Tags: #Aventuras, Historico

—Muchas gracias. —Y, dicho esto, el arqueólogo hizo una ligera inclinación de cabeza y se giró hacia el grupo con el que lord Carnarvon departía amigablemente. Les mostraba orgulloso su cámara de fotos. Junto a él estaba el ínclito Arthur Weigall, egiptólogo y periodista del
Daily Mail
, a quien habían invitado para evitar mayores problemas con la prensa. Después de saludar al aristócrata con un gesto casi militar, Carter se dirigió hacia su antiguo colaborador.

—Señor Weigall, es un honor contar con su presencia en este día tan señalado —mintió estrechándole la mano pero sin esbozar una mínima sonrisa.

—Ha pasado mucho tiempo, mi querido Howard… —dijo Weigall continuando el juego—. Te conservas igual que siempre, y está visto que tu trabajo es cada vez más sustancial y reconocido. Espero que dentro de unos minutos nos sorprendas con algo importante. Los lectores del
Daily Mail
te lo agradecerán.

—Seguro que sí, ¿verdad, Howard? —intervino lord Carnarvon dando una palmadita en la espalda de su acólito.

Carter miró a su mecenas con cara de no comprender nada. Aquella conversación le parecía una parodia. Si la exclusiva del hallazgo la tenía
The Times
, ¿qué iba a poder contar Weigall en su periódico? ¿Qué fotografías iba a aportar?

—Y si no es así, ya te lo inventarás, ¿verdad, Arthur? —respondió Carter lanzando un dardo envenenado.

—Veo que conservas el mismo sentido del humor que siempre… Te envidio, de verdad. Bueno, espero que no tengáis problemas con la apertura de la tumba. Ya sabéis cómo son estos egipcios…, se ponen a hablar, difunden rumores y no paran.

—¿Qué rumores? —preguntó Carter, intrigado.

—No puedo creer que no hayas oído nada al respecto…, en ambas orillas de Luxor todo el mundo habla de ello.
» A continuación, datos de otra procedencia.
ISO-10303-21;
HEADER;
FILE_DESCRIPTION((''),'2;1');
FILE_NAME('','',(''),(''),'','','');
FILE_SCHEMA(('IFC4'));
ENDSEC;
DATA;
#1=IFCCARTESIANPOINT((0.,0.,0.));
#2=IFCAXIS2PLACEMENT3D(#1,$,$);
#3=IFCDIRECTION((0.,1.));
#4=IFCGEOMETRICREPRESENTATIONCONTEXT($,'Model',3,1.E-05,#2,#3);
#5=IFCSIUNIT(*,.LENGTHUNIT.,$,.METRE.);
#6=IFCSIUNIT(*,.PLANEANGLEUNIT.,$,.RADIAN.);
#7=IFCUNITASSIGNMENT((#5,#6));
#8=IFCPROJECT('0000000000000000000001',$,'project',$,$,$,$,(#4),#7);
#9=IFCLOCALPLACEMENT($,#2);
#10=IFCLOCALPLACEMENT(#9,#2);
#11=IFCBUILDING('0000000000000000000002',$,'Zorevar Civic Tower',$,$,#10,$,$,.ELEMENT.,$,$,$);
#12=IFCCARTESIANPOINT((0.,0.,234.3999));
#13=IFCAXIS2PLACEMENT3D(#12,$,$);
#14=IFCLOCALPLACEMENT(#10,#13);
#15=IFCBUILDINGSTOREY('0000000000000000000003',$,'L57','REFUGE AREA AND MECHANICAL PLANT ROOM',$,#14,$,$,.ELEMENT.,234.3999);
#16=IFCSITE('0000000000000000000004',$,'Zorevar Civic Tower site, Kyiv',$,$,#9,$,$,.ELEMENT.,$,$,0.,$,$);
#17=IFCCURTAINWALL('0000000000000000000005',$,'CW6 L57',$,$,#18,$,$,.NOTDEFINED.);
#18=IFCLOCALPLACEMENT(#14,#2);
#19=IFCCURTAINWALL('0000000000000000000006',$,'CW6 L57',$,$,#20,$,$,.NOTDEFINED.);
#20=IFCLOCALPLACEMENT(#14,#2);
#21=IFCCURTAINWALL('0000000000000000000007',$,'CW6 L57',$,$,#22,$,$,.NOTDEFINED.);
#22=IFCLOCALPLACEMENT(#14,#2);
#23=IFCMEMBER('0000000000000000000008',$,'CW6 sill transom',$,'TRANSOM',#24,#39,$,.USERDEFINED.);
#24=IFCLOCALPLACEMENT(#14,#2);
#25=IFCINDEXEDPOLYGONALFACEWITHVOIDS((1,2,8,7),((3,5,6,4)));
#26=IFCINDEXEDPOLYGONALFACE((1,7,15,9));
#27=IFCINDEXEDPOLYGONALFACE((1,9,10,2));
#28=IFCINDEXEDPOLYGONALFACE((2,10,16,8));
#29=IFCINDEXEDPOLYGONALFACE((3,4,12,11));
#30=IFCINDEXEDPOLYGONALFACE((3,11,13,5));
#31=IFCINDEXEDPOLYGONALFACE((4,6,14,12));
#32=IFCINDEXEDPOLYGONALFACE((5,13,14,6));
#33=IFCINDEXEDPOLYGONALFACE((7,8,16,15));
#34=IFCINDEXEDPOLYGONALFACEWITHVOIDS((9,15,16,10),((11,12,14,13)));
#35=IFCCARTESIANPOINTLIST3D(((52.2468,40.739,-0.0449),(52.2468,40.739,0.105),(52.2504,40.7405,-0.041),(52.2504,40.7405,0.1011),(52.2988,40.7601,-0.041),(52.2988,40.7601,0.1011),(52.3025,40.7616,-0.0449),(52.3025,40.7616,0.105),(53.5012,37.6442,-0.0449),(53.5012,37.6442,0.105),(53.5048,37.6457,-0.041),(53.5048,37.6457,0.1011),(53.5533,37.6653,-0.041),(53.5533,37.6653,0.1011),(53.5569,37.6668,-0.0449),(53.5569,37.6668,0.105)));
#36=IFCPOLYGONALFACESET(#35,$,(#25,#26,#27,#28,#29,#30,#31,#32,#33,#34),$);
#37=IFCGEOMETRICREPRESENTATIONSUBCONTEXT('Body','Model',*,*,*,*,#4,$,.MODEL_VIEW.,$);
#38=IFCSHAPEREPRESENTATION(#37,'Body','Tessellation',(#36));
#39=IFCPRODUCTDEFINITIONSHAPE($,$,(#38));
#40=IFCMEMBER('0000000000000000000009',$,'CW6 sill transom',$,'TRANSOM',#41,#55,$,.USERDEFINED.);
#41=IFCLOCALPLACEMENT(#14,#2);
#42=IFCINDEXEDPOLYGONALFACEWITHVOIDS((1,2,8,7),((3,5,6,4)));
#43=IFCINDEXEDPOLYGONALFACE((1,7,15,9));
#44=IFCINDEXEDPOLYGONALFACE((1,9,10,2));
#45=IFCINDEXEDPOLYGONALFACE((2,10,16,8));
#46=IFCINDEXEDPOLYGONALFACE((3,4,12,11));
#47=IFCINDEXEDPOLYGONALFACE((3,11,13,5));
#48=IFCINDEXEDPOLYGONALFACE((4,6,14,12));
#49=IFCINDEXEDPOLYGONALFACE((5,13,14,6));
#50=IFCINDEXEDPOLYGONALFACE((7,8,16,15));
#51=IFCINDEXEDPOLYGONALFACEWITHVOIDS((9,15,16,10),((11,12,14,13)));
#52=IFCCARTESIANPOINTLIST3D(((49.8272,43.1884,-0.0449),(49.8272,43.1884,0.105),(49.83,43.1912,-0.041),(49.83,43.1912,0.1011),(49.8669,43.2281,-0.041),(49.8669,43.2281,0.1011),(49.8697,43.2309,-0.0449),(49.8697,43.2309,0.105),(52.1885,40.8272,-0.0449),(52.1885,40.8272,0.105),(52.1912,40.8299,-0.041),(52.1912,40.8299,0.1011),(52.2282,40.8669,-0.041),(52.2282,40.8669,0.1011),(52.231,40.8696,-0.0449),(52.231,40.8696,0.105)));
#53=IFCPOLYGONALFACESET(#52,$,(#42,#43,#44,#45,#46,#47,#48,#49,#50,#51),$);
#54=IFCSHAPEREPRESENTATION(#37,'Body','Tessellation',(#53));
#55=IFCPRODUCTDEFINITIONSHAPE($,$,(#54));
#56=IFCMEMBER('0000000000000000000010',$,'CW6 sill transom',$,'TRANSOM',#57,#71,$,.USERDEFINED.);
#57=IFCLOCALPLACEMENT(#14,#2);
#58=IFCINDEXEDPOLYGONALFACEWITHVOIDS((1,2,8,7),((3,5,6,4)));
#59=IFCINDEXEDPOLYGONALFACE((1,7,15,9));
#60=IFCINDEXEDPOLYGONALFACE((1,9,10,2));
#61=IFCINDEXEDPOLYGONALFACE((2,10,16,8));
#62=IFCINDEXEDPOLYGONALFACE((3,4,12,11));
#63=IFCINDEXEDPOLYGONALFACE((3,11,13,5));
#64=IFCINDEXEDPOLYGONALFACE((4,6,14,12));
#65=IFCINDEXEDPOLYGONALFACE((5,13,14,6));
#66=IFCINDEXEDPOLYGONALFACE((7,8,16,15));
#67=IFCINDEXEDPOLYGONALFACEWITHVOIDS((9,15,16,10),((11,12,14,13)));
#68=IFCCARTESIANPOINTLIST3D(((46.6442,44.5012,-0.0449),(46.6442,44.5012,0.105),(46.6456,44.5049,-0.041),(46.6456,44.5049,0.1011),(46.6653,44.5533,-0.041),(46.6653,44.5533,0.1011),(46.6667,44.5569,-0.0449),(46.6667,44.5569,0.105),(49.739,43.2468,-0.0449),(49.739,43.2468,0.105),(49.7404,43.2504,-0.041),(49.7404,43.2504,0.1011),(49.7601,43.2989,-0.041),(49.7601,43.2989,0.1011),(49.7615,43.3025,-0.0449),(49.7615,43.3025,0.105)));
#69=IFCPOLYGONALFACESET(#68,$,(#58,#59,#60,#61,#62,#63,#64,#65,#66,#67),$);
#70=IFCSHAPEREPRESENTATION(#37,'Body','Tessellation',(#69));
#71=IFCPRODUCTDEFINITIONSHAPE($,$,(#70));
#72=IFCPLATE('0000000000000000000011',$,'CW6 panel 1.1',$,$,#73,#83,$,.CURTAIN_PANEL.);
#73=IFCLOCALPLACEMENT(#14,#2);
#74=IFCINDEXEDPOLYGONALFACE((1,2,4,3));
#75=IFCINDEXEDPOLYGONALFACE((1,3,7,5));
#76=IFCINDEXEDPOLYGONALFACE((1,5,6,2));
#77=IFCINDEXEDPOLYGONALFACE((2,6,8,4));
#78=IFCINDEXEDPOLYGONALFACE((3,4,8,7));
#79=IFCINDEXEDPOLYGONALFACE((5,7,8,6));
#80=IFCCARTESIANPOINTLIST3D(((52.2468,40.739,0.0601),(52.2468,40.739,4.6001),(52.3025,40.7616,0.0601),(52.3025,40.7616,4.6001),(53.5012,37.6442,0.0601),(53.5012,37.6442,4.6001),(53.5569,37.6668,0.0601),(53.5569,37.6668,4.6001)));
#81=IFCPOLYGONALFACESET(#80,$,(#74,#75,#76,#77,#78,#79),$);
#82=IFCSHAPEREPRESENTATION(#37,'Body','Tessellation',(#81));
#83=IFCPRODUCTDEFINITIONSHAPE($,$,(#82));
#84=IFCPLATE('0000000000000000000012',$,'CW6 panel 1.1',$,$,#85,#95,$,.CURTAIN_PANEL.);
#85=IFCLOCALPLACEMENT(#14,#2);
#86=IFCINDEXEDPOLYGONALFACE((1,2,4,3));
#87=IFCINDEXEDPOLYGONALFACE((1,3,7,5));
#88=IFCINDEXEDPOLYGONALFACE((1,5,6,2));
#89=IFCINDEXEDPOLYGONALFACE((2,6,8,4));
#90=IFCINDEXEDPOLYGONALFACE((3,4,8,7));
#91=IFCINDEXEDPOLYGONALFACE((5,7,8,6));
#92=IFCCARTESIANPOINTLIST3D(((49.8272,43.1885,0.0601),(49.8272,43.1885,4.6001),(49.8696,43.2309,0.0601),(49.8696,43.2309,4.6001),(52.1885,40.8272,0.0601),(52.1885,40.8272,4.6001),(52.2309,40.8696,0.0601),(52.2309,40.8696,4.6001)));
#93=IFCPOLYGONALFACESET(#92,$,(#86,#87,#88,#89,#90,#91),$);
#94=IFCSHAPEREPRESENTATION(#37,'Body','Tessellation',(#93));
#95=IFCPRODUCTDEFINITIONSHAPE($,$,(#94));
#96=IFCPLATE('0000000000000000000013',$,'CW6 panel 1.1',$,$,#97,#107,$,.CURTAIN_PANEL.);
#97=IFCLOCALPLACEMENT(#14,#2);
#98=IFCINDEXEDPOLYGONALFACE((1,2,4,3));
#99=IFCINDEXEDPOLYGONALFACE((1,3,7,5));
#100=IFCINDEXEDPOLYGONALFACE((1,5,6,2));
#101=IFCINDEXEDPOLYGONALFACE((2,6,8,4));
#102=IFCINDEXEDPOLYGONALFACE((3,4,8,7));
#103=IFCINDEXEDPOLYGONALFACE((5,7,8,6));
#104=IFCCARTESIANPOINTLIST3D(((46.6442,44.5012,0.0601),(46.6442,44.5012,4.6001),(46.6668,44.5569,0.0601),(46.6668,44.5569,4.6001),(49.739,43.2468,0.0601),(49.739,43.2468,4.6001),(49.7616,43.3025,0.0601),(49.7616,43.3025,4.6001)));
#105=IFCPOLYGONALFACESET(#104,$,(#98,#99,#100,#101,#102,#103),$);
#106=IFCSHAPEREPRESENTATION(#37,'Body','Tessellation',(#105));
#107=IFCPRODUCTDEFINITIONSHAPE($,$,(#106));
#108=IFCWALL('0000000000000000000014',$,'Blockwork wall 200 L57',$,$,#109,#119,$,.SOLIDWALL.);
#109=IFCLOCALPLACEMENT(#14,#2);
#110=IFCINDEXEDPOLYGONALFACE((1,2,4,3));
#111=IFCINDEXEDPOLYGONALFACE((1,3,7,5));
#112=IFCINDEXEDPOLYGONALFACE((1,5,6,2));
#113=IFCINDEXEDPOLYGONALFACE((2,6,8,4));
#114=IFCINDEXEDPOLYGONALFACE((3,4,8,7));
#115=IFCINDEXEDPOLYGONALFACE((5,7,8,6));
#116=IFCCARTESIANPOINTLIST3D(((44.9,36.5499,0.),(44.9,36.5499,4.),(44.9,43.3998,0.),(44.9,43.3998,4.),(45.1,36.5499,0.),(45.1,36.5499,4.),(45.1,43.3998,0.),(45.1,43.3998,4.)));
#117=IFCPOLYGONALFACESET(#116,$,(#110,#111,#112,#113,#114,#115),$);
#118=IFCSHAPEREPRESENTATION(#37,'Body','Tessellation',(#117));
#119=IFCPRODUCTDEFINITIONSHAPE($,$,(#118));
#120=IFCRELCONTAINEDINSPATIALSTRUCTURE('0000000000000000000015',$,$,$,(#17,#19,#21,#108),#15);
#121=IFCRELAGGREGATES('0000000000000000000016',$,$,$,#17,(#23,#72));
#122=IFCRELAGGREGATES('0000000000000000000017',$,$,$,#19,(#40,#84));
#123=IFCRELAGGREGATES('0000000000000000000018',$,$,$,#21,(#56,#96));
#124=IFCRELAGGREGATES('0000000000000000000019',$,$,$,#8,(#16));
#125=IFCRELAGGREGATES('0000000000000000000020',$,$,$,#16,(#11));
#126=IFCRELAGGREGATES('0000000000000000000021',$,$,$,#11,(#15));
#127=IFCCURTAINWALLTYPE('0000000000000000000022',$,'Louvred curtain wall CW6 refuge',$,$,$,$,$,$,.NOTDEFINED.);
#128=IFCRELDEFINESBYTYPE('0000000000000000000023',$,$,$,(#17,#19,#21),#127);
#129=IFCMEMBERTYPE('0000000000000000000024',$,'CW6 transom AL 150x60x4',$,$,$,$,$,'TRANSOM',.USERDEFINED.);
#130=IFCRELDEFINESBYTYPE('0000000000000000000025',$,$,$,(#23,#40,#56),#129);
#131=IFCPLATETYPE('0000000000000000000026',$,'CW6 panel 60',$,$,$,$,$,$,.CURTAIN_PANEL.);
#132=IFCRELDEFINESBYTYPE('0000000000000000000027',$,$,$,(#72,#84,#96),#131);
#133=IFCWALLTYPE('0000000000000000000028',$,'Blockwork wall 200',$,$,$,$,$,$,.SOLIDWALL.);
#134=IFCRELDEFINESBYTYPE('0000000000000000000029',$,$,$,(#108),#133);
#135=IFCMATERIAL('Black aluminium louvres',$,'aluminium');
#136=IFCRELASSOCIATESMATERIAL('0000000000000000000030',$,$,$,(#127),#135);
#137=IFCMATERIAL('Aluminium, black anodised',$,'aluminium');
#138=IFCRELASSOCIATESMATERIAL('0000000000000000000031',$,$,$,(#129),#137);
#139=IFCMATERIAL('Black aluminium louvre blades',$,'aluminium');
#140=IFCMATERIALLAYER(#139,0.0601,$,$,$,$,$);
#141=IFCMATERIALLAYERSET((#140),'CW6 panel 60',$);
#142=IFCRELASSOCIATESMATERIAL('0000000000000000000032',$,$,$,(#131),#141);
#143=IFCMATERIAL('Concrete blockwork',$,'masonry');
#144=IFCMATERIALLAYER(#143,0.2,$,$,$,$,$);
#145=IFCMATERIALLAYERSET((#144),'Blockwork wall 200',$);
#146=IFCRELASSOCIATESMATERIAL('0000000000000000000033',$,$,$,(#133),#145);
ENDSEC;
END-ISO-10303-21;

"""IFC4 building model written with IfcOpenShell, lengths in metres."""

from ifc_helpers import new_model, si_unit, direction, frame, frame_2d, origin, origin_2d, place, context, subcontext, project, spatial, rectangle, hollow_rectangle, extrude, material, layer, layer_set, material_profile, profile_set, type_object, element, aggregate, save


model = new_model("IFC4")

# Units and contexts
model_context = context("Model", 3, precision=1e-05, world=origin(), true_north=direction((0.0, 1.0)))
body_context = subcontext(model_context, "Body", "Model", "MODEL_VIEW")
ifc_project = project(units=[si_unit("LENGTHUNIT", "METRE"), si_unit("PLANEANGLEUNIT", "RADIAN")], contexts=[model_context])

# Site, building, storey
site_placement = place(None, origin())
site = spatial("IfcSite", under=ifc_project, at=site_placement, Name="Zorevar Civic Tower site, Kyiv", CompositionType="ELEMENT", RefElevation=0.0)
building_placement = place(site_placement, origin())
building = spatial("IfcBuilding", under=site, at=building_placement, Name="Zorevar Civic Tower", CompositionType="ELEMENT")
storey_placement = place(building_placement, frame((0.0, 0.0, 234.3999)))
storey = spatial("IfcBuildingStorey", under=building, at=storey_placement, Name="L57", Description="REFUGE AREA AND MECHANICAL PLANT ROOM", CompositionType="ELEMENT", Elevation=234.3999)

# Shared definitions
ifc_material_1 = material(Name="Black aluminium louvres", Category="aluminium")
curtain_wall_type = type_object("IfcCurtainWallType", Name="Louvred curtain wall CW6 refuge", PredefinedType="NOTDEFINED", material=ifc_material_1)

# Curtain walls
curtain_wall_1_placement = place(storey_placement, origin())
curtain_wall_1 = element("IfcCurtainWall", 1, at=curtain_wall_1_placement, inside=storey, type_object=curtain_wall_type, Name="CW6 L57", PredefinedType="NOTDEFINED")
curtain_wall_2_placement = place(storey_placement, origin())
curtain_wall_2 = element("IfcCurtainWall", 2, at=curtain_wall_2_placement, inside=storey, type_object=curtain_wall_type, Name="CW6 L57", PredefinedType="NOTDEFINED")
curtain_wall_3_placement = place(storey_placement, origin())
curtain_wall_3 = element("IfcCurtainWall", 3, at=curtain_wall_3_placement, inside=storey, type_object=curtain_wall_type, Name="CW6 L57", PredefinedType="NOTDEFINED")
Ya sabes, la vieja historia de la maldición por el sacrilegio de una tumba, etcétera. Lo de siempre.

Carter y Carnarvon se miraron como si no entendieran nada de todo aquello.

—He llegado a oír —continuó el periodista al ver su cara de sorpresa— que si continuáis con los trabajos en la tumba, caerá sobre vosotros una terrible maldición, que Tutankhamón ya ha hecho alguna llamada de atención reclamando su descanso eterno, y que… —Weigall hizo una pausa demasiado larga.

—¿Y qué más? —Esta vez la pregunta venía de Carnarvon.

—Y que si prosigue con los trabajos, a usted, señor, le quedarán seis semanas de vida.

Los tres ingleses guardaron silencio para de inmediato comenzar a reír a mandíbula batiente.

—¿De verdad dicen eso de lord Carnarvon? —espetó Carter, a quien todo aquello parecía divertirle; por un momento había conseguido dejar a un lado sus antiguas desavenencias con Weigall.

—Más vale no pensar en ese tipo de fábulas —opinó Carnarvon—. Vamos tarde y no podemos hacer esperar a la gente.

El aristócrata tomó una última fotografía al grupo y descendió los peldaños que llevaban al primer pasillo; los invitados lo siguieron.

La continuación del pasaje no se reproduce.